Renate Meyer

Deviance Information Criterion for Comparing Stochastic Volatility Models

Bayesian methods have been efficient in estimating parameters of stochastic volatility models for analyzing financial time series. Recent advances made it possible to fit stochastic volatility models of increasing complexity, including covariates, leverage effects, jump components, and heavy-tailed distributions. However, a formal model comparison via Bayes factors remains difficult. The main objective of this article is to demonstrate that model selection is more easily performed using the deviance information criterion (DIC). It combines a Bayesian measure of fit with a measure of model complexity. We illustrate the performance of DIC in discriminating between various different stochastic volatility models using simulated data and daily returns data on the Standard & Poors (S&P) 100 index.

Bayesian methods for cosmological parameter estimation from cosmic microwave background measurements

We present a strategy for a statistically rigorous Bayesian approach to the problem of determining cosmological parameters from the results of observations of anisotropies in the cosmic microwave background. Our strategy relies on Markov chain Monte Carlo methods, specifically the Metropolis-Hastings algorithm, to perform the necessary high-dimensional integrals. We describe the Metropolis-Hastings algorithm in detail and discuss the results of our test on simulated data.

A Bayesian approach to the ecosystem inverse problem

This study investigates a probabilistic approach for the inverse problem associated with blending time-dependent ecosystem models and observations. The goal is to combine prior information, in the form of ecological dynamics and substantive knowledge about uncertain parameters, with available measurements. Posterior estimates of both the time-varying ecological state variables and the model parameters are obtained, along with their uncertainty. Ecological models of interacting populations are considered in the context of a nonlinear, non-Gaussian state space model. This comprises a nonlinear stochastic difference equation for the ecological dynamics, and an observation equation which relates the model state to the measurements. Complex error processes are readily incorporated. The posterior probability density function provides a complete solution to the inverse problem. Bayes’ theorem allows one to obtain this posterior density through synthesis of the prior information and the observations. To illustrate this Bayesian inverse method, these ideas are applied to a simple ecosystem box model concerned with predicting the seasonal co-evolution of a population of grazing shellfish and its two food sources: plankton and detritus. Observations of shellfish biomass over time are available. Lognormal system noise was incorporated into the ecosystem equations at all time steps. Ingestion and respiration parameters for shellfish growth are considered as uncertain quantities described by beta distributions. Stochastic simulation was carried out and provided predictions of the model state with uncertainty estimates. The Bayesian inverse method was then used to assimilate the additional information contained in the observations. Posterior probability density functions for the parameters and time-varying ecological state were computed using Markov Chain Monte Carlo methods. The ecological dynamics spread the measurement information to all state variables and parameters, even those not directly observed. Probabilistic state estimates are refined in comparison to those from the stochastic simulation. It is concluded that this Bayesian approach appears promising as a framework for ecosystem inverse problems, but requires careful control of the dimensionality for practical applications.

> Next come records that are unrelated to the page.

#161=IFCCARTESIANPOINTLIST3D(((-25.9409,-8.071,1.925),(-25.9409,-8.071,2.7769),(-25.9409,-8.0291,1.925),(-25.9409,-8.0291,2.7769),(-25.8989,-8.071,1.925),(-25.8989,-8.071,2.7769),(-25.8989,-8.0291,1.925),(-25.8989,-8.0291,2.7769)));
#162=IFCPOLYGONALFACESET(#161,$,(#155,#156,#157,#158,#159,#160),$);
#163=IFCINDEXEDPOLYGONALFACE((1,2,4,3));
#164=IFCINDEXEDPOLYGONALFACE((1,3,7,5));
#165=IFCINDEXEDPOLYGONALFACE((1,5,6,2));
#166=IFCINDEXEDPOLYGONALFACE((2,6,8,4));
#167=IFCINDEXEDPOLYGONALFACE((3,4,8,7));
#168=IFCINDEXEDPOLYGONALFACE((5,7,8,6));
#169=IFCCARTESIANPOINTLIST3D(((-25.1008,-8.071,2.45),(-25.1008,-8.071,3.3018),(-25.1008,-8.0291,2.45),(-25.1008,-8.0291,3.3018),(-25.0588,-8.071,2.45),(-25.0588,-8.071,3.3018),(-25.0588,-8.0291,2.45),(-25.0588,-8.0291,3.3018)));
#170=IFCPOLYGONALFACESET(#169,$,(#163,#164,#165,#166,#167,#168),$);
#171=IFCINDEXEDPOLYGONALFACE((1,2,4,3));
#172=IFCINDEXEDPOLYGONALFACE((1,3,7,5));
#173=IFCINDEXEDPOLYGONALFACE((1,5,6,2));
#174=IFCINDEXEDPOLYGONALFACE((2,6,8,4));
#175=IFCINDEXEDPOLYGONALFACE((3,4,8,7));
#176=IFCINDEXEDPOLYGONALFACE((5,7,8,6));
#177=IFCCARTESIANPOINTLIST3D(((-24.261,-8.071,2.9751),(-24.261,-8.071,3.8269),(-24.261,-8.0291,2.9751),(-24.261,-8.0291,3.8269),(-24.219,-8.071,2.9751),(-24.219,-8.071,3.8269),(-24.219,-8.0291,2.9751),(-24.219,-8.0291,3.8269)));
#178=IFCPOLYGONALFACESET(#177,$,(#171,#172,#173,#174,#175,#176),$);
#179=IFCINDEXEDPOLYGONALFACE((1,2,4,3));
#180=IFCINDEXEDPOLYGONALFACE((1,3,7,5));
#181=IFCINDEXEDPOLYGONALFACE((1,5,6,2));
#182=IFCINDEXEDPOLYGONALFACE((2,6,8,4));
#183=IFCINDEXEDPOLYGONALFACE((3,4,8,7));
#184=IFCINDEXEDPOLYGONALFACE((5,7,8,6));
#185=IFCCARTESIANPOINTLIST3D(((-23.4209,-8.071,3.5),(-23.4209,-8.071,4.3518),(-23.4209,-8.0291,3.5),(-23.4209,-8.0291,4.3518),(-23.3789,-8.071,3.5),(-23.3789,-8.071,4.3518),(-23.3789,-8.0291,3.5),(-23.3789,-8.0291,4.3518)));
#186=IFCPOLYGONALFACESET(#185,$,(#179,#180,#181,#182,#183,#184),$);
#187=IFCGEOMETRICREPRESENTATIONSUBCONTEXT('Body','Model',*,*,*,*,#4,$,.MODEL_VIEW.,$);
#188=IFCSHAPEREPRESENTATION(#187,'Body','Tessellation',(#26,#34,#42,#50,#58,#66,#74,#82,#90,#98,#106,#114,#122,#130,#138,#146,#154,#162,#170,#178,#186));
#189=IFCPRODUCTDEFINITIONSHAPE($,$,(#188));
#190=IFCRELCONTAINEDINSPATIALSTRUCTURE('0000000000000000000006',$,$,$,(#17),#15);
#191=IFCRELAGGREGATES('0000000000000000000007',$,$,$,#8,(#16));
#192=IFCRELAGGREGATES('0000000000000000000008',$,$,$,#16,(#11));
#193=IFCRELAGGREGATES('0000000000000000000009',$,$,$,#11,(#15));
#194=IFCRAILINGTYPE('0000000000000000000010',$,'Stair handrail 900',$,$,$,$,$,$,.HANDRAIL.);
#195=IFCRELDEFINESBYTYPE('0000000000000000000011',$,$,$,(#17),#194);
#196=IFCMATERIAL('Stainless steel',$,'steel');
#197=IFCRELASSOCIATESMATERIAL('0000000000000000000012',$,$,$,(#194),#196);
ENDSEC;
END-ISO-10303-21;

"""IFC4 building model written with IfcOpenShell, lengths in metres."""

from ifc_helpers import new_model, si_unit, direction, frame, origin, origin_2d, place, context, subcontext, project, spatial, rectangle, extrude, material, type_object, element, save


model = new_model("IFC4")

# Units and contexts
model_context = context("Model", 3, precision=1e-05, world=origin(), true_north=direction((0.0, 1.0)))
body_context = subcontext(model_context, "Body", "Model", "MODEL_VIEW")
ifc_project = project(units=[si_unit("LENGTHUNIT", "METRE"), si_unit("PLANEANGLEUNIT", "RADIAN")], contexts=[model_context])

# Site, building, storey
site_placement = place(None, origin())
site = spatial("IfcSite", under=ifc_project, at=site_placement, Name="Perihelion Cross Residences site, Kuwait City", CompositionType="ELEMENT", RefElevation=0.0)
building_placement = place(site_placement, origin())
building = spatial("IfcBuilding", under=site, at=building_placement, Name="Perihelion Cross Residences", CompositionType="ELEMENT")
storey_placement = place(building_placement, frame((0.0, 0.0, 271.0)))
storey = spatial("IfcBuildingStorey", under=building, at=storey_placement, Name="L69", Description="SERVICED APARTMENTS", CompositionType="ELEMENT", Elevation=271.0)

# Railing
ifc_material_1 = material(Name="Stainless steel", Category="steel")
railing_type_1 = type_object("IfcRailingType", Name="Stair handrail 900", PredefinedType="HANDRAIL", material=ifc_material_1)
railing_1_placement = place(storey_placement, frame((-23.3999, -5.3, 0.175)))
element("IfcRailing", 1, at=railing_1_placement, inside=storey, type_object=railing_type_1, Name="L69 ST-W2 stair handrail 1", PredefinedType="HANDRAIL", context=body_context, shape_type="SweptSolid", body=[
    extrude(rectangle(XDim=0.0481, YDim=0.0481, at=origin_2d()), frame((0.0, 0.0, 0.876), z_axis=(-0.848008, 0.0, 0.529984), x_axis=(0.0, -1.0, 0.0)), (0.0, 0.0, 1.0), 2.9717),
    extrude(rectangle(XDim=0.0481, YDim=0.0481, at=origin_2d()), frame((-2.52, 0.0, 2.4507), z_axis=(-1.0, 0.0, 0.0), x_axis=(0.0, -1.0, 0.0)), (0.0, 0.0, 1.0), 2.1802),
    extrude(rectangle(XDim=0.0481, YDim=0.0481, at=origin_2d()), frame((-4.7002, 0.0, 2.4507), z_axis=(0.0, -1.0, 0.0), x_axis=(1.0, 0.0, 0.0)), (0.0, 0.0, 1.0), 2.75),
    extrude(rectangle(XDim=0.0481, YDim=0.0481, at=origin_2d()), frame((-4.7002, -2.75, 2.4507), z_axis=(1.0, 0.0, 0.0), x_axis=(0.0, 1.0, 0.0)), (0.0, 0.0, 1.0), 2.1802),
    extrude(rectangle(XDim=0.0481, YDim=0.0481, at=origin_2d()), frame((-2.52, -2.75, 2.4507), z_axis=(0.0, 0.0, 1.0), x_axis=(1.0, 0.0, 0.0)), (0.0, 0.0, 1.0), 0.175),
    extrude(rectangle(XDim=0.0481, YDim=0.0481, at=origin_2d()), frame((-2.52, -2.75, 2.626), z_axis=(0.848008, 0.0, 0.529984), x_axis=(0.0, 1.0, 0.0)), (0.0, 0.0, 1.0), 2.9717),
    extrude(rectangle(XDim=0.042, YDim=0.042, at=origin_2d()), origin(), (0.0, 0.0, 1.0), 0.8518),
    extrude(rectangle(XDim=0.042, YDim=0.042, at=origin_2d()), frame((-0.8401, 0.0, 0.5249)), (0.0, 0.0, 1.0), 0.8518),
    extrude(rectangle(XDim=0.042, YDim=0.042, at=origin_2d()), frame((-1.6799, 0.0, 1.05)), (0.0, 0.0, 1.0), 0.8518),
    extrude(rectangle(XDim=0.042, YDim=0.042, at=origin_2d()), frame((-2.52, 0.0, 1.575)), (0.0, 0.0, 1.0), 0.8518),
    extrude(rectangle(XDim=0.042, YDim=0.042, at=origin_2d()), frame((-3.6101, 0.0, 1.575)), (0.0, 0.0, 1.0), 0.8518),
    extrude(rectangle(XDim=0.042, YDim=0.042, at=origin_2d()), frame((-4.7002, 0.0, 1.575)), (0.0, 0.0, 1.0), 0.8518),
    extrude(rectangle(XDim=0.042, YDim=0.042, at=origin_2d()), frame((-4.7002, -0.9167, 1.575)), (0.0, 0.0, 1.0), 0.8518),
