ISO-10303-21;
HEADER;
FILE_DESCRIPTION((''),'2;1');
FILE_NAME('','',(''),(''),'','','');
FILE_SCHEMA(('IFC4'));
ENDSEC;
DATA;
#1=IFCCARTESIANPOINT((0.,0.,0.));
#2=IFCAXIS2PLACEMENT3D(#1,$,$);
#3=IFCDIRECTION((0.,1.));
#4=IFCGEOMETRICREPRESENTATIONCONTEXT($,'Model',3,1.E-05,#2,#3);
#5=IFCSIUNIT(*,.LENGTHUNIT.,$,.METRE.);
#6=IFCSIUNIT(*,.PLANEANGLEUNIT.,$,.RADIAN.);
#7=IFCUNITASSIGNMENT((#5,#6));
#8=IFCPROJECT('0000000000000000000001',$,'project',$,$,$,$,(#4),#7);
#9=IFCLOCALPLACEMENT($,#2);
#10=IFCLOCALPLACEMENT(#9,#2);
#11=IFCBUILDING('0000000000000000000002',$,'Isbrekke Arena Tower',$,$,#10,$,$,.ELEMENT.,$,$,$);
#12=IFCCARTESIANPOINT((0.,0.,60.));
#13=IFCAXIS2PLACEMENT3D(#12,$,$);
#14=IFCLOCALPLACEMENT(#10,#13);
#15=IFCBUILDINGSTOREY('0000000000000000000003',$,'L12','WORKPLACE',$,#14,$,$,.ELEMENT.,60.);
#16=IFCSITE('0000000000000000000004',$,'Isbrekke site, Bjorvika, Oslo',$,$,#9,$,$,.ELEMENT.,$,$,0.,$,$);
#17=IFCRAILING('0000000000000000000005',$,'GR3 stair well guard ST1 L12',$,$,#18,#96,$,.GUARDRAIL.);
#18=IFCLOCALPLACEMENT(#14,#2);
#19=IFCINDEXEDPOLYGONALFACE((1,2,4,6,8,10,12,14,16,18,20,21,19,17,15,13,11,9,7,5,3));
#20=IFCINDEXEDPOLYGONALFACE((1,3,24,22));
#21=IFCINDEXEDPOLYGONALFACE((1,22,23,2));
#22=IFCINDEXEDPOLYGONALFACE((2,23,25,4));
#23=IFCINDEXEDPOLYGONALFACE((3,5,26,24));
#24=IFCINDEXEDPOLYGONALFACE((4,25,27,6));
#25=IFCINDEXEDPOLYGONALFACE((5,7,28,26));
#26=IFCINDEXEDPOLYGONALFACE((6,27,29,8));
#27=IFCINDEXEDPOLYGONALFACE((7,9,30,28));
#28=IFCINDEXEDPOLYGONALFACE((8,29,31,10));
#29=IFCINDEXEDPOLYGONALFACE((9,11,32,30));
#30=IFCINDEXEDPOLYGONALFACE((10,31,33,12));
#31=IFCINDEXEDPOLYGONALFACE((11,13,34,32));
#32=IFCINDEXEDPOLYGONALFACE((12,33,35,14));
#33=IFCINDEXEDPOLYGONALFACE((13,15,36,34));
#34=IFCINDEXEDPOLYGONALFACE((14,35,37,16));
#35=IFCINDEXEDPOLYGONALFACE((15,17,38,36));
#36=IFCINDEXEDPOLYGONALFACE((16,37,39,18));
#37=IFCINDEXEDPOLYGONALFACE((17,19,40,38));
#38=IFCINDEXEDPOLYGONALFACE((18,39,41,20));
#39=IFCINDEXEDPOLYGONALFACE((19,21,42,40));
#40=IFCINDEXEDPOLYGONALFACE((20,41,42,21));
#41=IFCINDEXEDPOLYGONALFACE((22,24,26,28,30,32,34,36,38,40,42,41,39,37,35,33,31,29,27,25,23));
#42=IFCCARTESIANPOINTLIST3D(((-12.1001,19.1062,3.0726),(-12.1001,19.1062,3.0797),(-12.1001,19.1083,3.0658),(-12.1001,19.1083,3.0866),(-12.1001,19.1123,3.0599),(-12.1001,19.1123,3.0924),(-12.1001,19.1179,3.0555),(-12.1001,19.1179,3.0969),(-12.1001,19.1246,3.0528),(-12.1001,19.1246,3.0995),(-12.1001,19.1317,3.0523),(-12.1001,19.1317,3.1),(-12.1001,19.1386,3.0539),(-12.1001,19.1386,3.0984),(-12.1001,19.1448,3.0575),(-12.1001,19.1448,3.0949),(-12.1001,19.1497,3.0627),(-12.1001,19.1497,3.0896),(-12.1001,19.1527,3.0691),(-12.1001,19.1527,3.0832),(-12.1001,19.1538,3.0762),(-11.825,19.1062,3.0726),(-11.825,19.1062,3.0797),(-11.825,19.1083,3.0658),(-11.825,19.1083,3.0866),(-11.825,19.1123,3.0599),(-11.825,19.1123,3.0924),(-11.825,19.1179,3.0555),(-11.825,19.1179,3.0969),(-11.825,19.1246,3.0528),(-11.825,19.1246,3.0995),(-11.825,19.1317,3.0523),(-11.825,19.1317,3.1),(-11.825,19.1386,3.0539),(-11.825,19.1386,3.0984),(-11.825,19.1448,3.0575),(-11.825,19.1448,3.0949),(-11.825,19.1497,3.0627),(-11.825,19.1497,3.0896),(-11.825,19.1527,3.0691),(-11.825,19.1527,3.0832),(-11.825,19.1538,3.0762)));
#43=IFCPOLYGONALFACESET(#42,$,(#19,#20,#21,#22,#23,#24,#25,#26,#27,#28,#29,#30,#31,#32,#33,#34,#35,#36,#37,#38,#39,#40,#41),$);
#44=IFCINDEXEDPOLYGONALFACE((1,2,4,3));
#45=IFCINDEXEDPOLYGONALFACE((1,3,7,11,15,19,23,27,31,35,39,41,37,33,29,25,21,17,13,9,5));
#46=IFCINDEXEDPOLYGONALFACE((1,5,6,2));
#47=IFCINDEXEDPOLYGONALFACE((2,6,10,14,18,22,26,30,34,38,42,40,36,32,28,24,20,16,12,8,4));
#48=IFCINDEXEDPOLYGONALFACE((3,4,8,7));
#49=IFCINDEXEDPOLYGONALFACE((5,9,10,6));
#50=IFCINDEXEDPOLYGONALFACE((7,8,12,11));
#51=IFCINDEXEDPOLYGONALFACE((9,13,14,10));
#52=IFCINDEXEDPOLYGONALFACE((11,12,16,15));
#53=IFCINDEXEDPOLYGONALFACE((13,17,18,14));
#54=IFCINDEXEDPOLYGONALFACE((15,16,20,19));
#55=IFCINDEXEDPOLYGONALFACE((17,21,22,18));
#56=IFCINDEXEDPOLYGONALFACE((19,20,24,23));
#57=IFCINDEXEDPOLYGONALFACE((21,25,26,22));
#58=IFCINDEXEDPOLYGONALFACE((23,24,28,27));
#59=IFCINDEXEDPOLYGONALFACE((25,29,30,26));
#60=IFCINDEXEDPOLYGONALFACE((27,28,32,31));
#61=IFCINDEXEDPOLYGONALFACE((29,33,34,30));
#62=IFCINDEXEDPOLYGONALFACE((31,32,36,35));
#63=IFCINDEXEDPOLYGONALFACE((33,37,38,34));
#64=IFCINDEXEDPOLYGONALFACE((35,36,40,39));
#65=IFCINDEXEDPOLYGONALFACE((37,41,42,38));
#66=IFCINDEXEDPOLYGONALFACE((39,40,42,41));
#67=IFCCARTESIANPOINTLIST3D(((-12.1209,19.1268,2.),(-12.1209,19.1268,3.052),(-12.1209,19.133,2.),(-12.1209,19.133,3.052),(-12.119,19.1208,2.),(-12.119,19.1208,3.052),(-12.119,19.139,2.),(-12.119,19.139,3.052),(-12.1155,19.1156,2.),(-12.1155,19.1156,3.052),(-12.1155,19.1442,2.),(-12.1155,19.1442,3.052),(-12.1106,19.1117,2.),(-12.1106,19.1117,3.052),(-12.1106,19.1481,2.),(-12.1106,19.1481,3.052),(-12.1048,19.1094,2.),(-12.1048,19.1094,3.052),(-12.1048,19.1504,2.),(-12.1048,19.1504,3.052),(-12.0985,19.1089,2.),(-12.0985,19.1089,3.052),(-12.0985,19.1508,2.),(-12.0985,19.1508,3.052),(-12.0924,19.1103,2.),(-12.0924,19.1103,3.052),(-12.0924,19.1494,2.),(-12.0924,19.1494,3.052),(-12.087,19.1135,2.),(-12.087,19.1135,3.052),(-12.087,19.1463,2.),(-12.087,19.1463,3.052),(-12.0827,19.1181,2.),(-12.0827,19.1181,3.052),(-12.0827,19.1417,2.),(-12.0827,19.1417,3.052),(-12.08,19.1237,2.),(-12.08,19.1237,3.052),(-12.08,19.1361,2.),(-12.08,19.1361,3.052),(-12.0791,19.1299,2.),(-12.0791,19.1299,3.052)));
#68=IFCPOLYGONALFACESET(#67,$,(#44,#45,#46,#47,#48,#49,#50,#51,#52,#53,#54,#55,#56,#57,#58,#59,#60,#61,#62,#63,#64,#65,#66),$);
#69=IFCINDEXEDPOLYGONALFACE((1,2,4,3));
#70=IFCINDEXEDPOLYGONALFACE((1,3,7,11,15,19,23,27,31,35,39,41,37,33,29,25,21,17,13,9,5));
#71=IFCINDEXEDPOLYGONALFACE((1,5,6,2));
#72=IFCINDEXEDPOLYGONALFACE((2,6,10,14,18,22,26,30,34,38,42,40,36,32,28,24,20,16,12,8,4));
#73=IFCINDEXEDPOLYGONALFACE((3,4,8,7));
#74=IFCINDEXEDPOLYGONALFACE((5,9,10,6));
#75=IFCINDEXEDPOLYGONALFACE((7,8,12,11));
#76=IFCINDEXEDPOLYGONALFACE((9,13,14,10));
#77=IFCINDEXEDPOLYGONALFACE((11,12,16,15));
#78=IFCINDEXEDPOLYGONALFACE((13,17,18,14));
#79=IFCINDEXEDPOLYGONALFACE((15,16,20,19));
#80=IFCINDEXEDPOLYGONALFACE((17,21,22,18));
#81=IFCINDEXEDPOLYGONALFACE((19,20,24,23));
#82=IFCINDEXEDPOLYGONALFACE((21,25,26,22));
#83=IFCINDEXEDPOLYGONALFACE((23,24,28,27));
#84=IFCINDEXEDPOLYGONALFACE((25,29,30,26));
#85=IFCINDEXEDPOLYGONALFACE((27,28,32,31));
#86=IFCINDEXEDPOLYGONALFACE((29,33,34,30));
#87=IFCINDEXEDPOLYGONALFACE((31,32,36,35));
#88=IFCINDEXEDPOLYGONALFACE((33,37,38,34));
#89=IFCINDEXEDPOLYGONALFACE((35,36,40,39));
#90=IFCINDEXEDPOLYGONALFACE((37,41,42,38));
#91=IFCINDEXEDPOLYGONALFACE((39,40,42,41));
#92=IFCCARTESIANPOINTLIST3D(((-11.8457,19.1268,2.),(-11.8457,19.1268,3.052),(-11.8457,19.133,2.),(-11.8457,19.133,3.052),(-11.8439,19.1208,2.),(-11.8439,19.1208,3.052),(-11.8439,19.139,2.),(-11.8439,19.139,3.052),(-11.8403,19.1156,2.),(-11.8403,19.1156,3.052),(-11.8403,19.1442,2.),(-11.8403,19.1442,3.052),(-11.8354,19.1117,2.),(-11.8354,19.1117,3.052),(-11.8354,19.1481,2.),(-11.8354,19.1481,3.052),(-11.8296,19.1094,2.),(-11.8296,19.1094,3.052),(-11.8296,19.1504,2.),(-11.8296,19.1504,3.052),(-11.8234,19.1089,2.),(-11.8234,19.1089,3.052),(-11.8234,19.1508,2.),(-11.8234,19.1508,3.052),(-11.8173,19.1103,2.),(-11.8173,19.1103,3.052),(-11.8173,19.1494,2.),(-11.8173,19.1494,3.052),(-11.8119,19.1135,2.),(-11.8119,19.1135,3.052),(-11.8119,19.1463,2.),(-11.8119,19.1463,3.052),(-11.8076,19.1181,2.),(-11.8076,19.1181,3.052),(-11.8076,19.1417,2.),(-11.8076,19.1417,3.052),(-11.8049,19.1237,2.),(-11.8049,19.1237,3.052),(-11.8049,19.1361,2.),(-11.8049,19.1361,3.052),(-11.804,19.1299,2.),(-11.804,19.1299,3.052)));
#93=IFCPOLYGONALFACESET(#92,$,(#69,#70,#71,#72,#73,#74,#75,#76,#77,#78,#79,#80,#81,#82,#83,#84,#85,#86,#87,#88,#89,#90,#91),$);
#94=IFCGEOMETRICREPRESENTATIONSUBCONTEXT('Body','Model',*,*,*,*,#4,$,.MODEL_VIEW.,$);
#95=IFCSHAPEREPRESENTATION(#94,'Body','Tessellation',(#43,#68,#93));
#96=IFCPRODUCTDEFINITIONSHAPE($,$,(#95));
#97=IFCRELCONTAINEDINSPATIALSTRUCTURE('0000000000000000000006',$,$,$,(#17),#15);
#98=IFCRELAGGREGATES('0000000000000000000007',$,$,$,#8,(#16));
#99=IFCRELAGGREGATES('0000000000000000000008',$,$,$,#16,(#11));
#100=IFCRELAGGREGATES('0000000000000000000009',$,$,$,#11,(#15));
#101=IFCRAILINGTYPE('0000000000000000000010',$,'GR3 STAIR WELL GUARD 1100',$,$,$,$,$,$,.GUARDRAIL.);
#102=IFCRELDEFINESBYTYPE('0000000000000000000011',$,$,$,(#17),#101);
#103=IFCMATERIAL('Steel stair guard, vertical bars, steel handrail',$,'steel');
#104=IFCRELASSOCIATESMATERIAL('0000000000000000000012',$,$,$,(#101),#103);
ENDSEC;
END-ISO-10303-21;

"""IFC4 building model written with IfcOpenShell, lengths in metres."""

from ifc_helpers import new_model, si_unit, direction, frame, origin, origin_2d, place, context, subcontext, project, spatial, circle, extrude, material, type_object, element, save


model = new_model("IFC4")

# Units and contexts
model_context = context("Model", 3, precision=1e-05, world=origin(), true_north=direction((0.0, 1.0)))
body_context = subcontext(model_context, "Body", "Model", "MODEL_VIEW")
ifc_project = project(units=[si_unit("LENGTHUNIT", "METRE"), si_unit("PLANEANGLEUNIT", "RADIAN")], contexts=[model_context])

# Site, building, storey
site_placement = place(None, origin())
site = spatial("IfcSite", under=ifc_project, at=site_placement, Name="Isbrekke site, Bjorvika, Oslo", CompositionType="ELEMENT", RefElevation=0.0)
building_placement = place(site_placement, origin())
building = spatial("IfcBuilding", under=site, at=building_placement, Name="Isbrekke Arena Tower", CompositionType="ELEMENT")
storey_placement = place(building_placement, frame((0.0, 0.0, 60.0)))
storey = spatial("IfcBuildingStorey", under=building, at=storey_placement, Name="L12", Description="WORKPLACE", CompositionType="ELEMENT", Elevation=60.0)

# Railing
ifc_material_1 = material(Name="Steel stair guard, vertical bars, steel handrail", Category="steel")
railing_type = type_object("IfcRailingType", Name="GR3 STAIR WELL GUARD 1100", PredefinedType="GUARDRAIL", material=ifc_material_1)
for number, where, name in (
    (1, (-12.1001, 19.1299, 2.0), "GR3 stair well guard ST1 L12"),
):
    element("IfcRailing", number, at=place(storey_placement, frame(where)), inside=storey, type_object=railing_type, Name=name, PredefinedType="GUARDRAIL", context=body_context, shape_type="SweptSolid", body=[
        extrude(circle(Radius=0.0239, at=origin_2d()), frame((0.0, 0.0, 1.0762), z_axis=(1.0, 0.0, 0.0), x_axis=(0.0, 1.0, 0.0)), (0.0, 0.0, 1.0), 0.2751),
        extrude(circle(Radius=0.021, at=origin_2d()), origin(), (0.0, 0.0, 1.0), 1.052),
        extrude(circle(Radius=0.021, at=origin_2d()), frame((0.2751, 0.0, 0.0)), (0.0, 0.0, 1.0), 1.052),
    ])

save(model, "model.ifc")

Using Markov chain Monte Carlo methods for estimating parameters with gravitational radiation data

We present a Bayesian approach to the problem of determining parameters for coalescing binary systems observed with laser interferometric detectors. By applying a Markov Chain Monte Carlo (MCMC) algorithm, specifically the Gibbs sampler, we demonstrate the potential that MCMC techniques may hold for the computation of posterior distributions of parameters of the binary system that created the gravity radiation signal. We describe the use of the Gibbs sampler method, and present examples whereby signals are detected and analyzed from within noisy data.

Applied Bayesian Data Analysis Using State-Space Models

This paper reviews the Bayesian approach to parameter estimation in nonlinear nonnormal state-space models with posterior computations performed by Gibbs sampling. Fitting of nonlinear nonnormal state-space models is an important task in various scientific disciplines. The ease with which the Bayesian approach can now be implemented via BUGS, a recently developed, user-friendly, and freely available software package, should have a major impact on applied research. This is illustrated using examples from three different areas of currently active research: econonometrics, fisheries, and physics.